AWS currently supports enhanced networking capabilities using SR-IOV (Single Root I/O Virtualization) for the C3 and I2 instance types. SR-IOV is a method of device virtualization that provides higher I/O performance and lower CPU utilization compared to traditional implementations. For supported Amazon EC2 instances, this feature provides higher packet per second (PPS) performance, lower inter-instance latencies, and very low network jitter.
Data has gravity; as datasets grow larger it becomes easier to move the compute closer to the data to reduce latency and increase throughput. With AWS big data storage and database services, such Amazon S3, Amazon Redshift, Amazon DynamoDB, and Amazon RDS, you have the perfect place to host your data for your high performance computing cluster. Furthermore, with Amazon Elastic Block Store (EBS) you can create large scale parallel file systems to meet the high volume, performance, and throughput requirements of your HPC workload.
You can save time and money by leveraging Spot Instances for your HPC workloads. Spot Instances is a pricing model that enables you to bid on unused Amazon EC2 capacity at whatever price you choose.
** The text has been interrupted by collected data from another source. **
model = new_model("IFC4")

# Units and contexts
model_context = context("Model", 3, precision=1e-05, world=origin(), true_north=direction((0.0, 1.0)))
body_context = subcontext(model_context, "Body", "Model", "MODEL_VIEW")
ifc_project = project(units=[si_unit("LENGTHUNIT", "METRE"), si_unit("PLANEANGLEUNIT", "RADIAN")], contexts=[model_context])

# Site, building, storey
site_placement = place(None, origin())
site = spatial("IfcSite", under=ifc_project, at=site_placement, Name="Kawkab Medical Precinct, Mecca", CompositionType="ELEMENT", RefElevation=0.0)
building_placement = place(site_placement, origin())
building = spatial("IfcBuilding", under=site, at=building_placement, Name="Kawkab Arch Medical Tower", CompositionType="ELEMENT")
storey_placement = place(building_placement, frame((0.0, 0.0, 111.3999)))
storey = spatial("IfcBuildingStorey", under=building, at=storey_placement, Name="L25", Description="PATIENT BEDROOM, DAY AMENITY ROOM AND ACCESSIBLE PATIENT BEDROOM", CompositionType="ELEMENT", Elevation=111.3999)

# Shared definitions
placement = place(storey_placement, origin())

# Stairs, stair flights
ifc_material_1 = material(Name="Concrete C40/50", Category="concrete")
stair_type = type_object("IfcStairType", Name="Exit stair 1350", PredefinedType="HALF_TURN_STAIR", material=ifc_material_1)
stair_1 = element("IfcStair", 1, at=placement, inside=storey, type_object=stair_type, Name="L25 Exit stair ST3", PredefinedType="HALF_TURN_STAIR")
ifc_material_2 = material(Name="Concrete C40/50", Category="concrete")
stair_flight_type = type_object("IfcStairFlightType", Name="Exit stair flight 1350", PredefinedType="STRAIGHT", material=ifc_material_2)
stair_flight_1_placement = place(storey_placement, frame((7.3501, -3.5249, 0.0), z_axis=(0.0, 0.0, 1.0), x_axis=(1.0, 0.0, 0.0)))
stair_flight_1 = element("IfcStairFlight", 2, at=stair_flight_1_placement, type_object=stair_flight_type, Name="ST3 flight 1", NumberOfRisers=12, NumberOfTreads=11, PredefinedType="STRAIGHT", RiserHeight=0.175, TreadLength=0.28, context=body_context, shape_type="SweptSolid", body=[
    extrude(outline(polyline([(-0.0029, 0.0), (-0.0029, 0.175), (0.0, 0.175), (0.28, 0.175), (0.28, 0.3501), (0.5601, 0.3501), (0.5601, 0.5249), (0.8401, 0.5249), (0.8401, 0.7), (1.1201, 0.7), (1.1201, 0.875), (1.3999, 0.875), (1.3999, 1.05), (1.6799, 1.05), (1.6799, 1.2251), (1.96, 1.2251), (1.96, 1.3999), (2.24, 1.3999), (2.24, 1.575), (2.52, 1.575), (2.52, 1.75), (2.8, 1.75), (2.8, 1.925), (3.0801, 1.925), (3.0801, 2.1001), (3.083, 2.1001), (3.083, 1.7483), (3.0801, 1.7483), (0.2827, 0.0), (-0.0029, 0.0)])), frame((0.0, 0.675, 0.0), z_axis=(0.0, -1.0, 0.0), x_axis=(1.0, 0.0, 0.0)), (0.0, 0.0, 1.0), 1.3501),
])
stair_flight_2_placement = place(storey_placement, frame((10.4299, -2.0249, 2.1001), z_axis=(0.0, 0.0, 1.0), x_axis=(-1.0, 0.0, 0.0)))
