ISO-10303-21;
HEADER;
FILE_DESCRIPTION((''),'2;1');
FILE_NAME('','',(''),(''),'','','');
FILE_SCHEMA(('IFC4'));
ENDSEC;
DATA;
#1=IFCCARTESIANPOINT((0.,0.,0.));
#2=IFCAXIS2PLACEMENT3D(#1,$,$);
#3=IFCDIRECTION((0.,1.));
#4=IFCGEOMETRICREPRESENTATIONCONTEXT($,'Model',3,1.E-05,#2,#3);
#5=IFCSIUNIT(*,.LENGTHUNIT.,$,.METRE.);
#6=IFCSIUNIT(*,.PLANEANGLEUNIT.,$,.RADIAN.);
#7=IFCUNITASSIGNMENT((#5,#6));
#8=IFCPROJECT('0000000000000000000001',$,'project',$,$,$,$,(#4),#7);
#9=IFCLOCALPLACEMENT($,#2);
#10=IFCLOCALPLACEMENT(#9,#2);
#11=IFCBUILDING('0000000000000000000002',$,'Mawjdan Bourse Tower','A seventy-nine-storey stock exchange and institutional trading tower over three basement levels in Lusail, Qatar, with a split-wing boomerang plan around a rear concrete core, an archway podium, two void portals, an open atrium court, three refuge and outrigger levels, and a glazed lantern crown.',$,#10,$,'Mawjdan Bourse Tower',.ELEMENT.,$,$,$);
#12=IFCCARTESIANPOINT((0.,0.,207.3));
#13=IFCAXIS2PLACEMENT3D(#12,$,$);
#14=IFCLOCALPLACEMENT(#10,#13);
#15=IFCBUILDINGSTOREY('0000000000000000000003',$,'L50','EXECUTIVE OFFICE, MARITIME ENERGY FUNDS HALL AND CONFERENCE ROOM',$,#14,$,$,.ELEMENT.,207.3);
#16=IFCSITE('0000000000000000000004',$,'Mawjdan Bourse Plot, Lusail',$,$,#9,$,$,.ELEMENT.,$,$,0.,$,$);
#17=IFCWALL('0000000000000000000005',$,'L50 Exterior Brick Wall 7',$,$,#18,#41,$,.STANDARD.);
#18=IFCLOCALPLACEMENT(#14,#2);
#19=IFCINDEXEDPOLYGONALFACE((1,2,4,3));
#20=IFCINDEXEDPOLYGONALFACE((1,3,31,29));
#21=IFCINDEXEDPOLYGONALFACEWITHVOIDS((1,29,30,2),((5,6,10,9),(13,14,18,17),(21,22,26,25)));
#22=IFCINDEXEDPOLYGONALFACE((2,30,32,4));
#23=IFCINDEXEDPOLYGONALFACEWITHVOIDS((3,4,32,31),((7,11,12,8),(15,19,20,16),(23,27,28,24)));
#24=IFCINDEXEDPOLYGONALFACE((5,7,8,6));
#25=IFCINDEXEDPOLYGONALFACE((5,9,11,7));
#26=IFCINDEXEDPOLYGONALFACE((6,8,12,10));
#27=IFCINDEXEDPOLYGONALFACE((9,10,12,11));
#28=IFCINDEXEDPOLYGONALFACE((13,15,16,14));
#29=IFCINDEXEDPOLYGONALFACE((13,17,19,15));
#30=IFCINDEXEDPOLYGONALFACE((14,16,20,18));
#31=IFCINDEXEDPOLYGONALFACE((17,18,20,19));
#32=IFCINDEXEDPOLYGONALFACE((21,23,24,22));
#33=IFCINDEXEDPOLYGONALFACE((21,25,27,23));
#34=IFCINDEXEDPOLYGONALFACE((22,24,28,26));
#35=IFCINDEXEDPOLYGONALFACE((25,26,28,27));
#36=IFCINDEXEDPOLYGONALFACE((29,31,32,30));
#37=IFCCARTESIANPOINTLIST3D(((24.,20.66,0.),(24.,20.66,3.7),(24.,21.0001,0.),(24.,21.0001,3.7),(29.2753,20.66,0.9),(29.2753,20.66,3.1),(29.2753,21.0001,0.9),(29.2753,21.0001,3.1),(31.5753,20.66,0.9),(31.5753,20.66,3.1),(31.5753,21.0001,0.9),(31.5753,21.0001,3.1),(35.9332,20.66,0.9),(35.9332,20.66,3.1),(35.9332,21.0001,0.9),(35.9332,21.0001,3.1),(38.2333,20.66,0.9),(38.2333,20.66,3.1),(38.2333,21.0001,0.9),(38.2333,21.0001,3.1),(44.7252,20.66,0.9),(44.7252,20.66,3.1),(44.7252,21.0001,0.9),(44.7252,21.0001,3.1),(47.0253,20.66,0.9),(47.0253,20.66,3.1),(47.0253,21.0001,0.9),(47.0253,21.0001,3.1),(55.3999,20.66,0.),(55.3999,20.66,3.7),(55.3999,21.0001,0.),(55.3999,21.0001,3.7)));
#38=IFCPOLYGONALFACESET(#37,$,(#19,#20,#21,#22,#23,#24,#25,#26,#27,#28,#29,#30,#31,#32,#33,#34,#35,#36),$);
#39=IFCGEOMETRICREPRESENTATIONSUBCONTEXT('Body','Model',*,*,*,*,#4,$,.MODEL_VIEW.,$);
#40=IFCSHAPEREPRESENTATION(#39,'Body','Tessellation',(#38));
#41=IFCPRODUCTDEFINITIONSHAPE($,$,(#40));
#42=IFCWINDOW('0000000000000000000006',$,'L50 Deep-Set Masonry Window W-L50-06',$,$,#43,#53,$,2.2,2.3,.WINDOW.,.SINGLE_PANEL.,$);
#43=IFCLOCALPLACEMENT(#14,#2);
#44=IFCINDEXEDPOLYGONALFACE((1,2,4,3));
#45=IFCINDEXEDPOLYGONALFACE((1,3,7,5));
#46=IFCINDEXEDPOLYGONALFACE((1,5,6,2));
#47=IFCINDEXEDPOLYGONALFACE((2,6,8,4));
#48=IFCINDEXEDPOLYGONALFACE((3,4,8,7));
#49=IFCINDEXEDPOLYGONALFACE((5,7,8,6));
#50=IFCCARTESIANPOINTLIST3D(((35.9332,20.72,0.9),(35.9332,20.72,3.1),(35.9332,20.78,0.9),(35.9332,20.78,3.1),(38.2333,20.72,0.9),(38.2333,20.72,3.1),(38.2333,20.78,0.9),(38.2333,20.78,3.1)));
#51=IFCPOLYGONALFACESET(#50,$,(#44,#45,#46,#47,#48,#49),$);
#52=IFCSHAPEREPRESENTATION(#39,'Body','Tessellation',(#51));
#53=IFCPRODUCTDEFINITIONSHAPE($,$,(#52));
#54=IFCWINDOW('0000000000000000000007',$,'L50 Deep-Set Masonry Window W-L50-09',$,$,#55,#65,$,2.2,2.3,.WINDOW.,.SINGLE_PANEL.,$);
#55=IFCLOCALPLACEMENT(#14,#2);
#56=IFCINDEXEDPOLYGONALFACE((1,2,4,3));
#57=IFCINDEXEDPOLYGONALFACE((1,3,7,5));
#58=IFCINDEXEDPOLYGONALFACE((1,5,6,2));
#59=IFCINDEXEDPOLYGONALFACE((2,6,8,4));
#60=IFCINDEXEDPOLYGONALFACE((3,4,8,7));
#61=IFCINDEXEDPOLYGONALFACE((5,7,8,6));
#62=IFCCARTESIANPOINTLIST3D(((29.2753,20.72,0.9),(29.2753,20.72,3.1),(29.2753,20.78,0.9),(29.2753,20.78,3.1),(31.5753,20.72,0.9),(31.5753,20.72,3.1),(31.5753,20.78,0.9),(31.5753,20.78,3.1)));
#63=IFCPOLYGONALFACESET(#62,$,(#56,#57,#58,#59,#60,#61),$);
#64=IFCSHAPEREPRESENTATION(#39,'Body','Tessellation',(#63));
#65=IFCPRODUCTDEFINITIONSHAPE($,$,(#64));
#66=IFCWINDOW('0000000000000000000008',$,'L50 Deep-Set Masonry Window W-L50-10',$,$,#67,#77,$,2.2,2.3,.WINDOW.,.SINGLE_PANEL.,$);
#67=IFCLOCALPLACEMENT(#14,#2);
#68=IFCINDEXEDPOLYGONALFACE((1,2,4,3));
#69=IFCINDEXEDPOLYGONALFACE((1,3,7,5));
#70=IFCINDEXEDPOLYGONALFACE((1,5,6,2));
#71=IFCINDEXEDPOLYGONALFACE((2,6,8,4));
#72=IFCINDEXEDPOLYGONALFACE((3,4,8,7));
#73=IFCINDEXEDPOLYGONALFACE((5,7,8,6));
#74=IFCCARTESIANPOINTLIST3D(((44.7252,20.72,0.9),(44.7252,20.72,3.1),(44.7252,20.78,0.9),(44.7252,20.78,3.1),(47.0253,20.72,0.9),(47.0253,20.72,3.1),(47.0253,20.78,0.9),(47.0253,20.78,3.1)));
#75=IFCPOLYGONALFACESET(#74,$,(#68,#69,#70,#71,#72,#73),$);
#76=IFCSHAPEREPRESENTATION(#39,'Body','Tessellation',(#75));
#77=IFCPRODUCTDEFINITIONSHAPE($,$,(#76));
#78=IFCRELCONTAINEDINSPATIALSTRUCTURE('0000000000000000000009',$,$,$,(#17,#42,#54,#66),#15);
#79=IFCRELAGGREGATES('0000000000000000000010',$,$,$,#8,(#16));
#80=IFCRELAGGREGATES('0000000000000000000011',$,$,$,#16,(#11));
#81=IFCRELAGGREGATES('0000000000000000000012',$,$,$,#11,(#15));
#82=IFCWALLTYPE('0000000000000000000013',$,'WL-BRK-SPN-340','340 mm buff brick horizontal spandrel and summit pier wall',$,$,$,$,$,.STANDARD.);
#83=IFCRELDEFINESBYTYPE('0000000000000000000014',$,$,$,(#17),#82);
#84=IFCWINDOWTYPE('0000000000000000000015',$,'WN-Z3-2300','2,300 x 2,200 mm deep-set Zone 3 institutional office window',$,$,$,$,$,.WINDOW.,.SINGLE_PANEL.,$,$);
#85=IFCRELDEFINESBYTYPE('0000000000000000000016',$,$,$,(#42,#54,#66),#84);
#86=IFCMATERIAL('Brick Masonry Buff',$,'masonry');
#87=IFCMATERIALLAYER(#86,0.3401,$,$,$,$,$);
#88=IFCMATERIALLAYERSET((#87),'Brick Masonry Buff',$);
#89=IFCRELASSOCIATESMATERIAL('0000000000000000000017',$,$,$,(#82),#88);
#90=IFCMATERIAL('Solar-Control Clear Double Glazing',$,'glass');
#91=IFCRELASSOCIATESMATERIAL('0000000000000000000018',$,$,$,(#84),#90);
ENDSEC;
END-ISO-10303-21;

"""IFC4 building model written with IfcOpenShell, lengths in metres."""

from ifc_helpers import new_model, si_unit, direction, frame, frame_2d, origin, place, context, subcontext, project, spatial, rectangle, extrude, material, layer, layer_set, type_object, element, fill, save


model = new_model("IFC4")

# Units and contexts
model_context = context("Model", 3, precision=1e-05, world=origin(), true_north=direction((0.0, 1.0)))
body_context = subcontext(model_context, "Body", "Model", "MODEL_VIEW")
ifc_project = project(units=[si_unit("LENGTHUNIT", "METRE"), si_unit("PLANEANGLEUNIT", "RADIAN")], contexts=[model_context])

# Site, building, storey
site_placement = place(None, origin())
site = spatial("IfcSite", under=ifc_project, at=site_placement, Name="Mawjdan Bourse Plot, Lusail", CompositionType="ELEMENT", RefElevation=0.0)
building_placement = place(site_placement, origin())
building = spatial("IfcBuilding", under=site, at=building_placement, Name="Mawjdan Bourse Tower", Description="A seventy-nine-storey stock exchange and institutional trading tower over three basement levels in Lusail, Qatar, with a split-wing boomerang plan around a rear concrete core, an archway podium, two void portals, an open atrium court, three refuge and outrigger levels, and a glazed lantern crown.", LongName="Mawjdan Bourse Tower", CompositionType="ELEMENT")
storey_placement = place(building_placement, frame((0.0, 0.0, 207.3)))
storey = spatial("IfcBuildingStorey", under=building, at=storey_placement, Name="L50", Description="EXECUTIVE OFFICE, MARITIME ENERGY FUNDS HALL AND CONFERENCE ROOM", CompositionType="ELEMENT", Elevation=207.3)

# Shared definitions
ifc_material_1 = material(Name="Brick Masonry Buff", Category="masonry")
ifc_layer = layer(ifc_material_1, 0.3401)
ifc_layer_set = layer_set([ifc_layer], Name="Brick Masonry Buff")
wall_type = type_object("IfcWallType", Name="WL-BRK-SPN-340", Description="340 mm buff brick horizontal spandrel and summit pier wall", PredefinedType="STANDARD", material=ifc_layer_set)

# Wall, openings, windows
wall_placement = place(storey_placement, frame((55.3999, 20.8301, 0.0), z_axis=(0.0, 0.0, 1.0), x_axis=(-1.0, 0.0, 0.0)))
wall = element("IfcWall", 1, at=wall_placement, inside=storey, type_object=wall_type, Name="L50 Exterior Brick Wall 7", PredefinedType="STANDARD", context=body_context, shape_type="SweptSolid", body=[
    extrude(rectangle(XDim=31.3999, YDim=0.3401, at=frame_2d((15.7, 0.0))), origin(), (0.0, 0.0, 1.0), 3.7),
])
opening_1_placement = place(wall_placement, frame((17.1667, 0.0, 0.8999)))
opening_1 = element("IfcOpeningElement", 2, at=opening_1_placement, cuts=wall, PredefinedType="OPENING", context=body_context, shape_type="SweptSolid", body=[
    extrude(rectangle(XDim=2.3, YDim=2.2, at=frame_2d((1.1499, 1.1001))), frame((0.0, 0.1802, 0.0), z_axis=(0.0, -1.0, 0.0), x_axis=(1.0, 0.0, 0.0)), (0.0, 0.0, 1.0), 0.3601),
])
opening_2_placement = place(wall_placement, frame((23.8247, 0.0, 0.8999)))
opening_2 = element("IfcOpeningElement", 3, at=opening_2_placement, cuts=wall, PredefinedType="OPENING", context=body_context, shape_type="SweptSolid", body=[
    extrude(rectangle(XDim=2.3, YDim=2.2, at=frame_2d((1.1499, 1.1001))), frame((0.0, 0.1802, 0.0), z_axis=(0.0, -1.0, 0.0), x_axis=(1.0, 0.0, 0.0)), (0.0, 0.0, 1.0), 0.3601),
])
opening_3_placement = place(wall_placement, frame((8.3748, 0.0, 0.8999)))
opening_3 = element("IfcOpeningElement", 4, at=opening_3_placement, cuts=wall, PredefinedType="OPENING", context=body_context, shape_type="SweptSolid", body=[
    extrude(rectangle(XDim=2.3, YDim=2.2, at=frame_2d((1.1499, 1.1001))), frame((0.0, 0.1802, 0.0), z_axis=(0.0, -1.0, 0.0), x_axis=(1.0, 0.0, 0.0)), (0.0, 0.0, 1.0), 0.3601),
])
ifc_material_2 = material(Name="Solar-Control Clear Double Glazing", Category="glass")
window_type = type_object("IfcWindowType", Name="WN-Z3-2300", Description="2,300 x 2,200 mm deep-set Zone 3 institutional office window", PartitioningType="SINGLE_PANEL", PredefinedType="WINDOW", material=ifc_material_2)
window_1_placement = place(opening_1_placement, origin())
window_1 = element("IfcWindow", 5, at=window_1_placement, inside=storey, type_object=window_type, Name="L50 Deep-Set Masonry Window W-L50-06", OverallHeight=2.2, OverallWidth=2.3, PartitioningType="SINGLE_PANEL", PredefinedType="WINDOW", context=body_context, shape_type="SweptSolid", body=[
    extrude(rectangle(XDim=2.3, YDim=2.2, at=frame_2d((1.1499, 1.1001))), frame((0.0, 0.1101, 0.0), z_axis=(0.0, -1.0, 0.0), x_axis=(1.0, 0.0, 0.0)), (0.0, 0.0, 1.0), 0.0601),
])
fill(opening_1, window_1)
window_2_placement = place(opening_2_placement, origin())
window_2 = element("IfcWindow", 6, at=window_2_placement, inside=storey, type_object=window_type, Name="L50 Deep-Set Masonry Window W-L50-09", OverallHeight=2.2, OverallWidth=2.3, PartitioningType="SINGLE_PANEL", PredefinedType="WINDOW", context=body_context, shape_type="SweptSolid", body=[
    extrude(rectangle(XDim=2.3, YDim=2.2, at=frame_2d((1.1499, 1.1001))), frame((0.0, 0.1101, 0.0), z_axis=(0.0, -1.0, 0.0), x_axis=(1.0, 0.0, 0.0)), (0.0, 0.0, 1.0), 0.0601),
])
fill(opening_2, window_2)
window_3_placement = place(opening_3_placement, origin())
window_3 = element("IfcWindow", 7, at=window_3_placement, inside=storey, type_object=window_type, Name="L50 Deep-Set Masonry Window W-L50-10", OverallHeight=2.2, OverallWidth=2.3, PartitioningType="SINGLE_PANEL", PredefinedType="WINDOW", context=body_context, shape_type="SweptSolid", body=[
    extrude(rectangle(XDim=2.3, YDim=2.2, at=frame_2d((1.1499, 1.1001))), frame((0.0, 0.1101, 0.0), z_axis=(0.0, -1.0, 0.0), x_axis=(1.0, 0.0, 0.0)), (0.0, 0.0, 1.0), 0.0601),
])
fill(opening_3, window_3)

save(model, "model.ifc")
When your bid exceeds the Spot price, you gain access to the available Spot Instances and run as long as the bid exceeds the Spot Price. Historically, the Spot price has been 50% to 93% lower than the on-demand price.
AWS Marketplace is an online store that provides an easy way for developers and IT professionals to discover and use software to run in the AWS Cloud. You can find a selection of high performance computing software ready to run in your cluster, such as the Univa Grid Engine resource management system or the Intel Lustre HPC file system, with just a few clicks directly from the AWS Marketplace.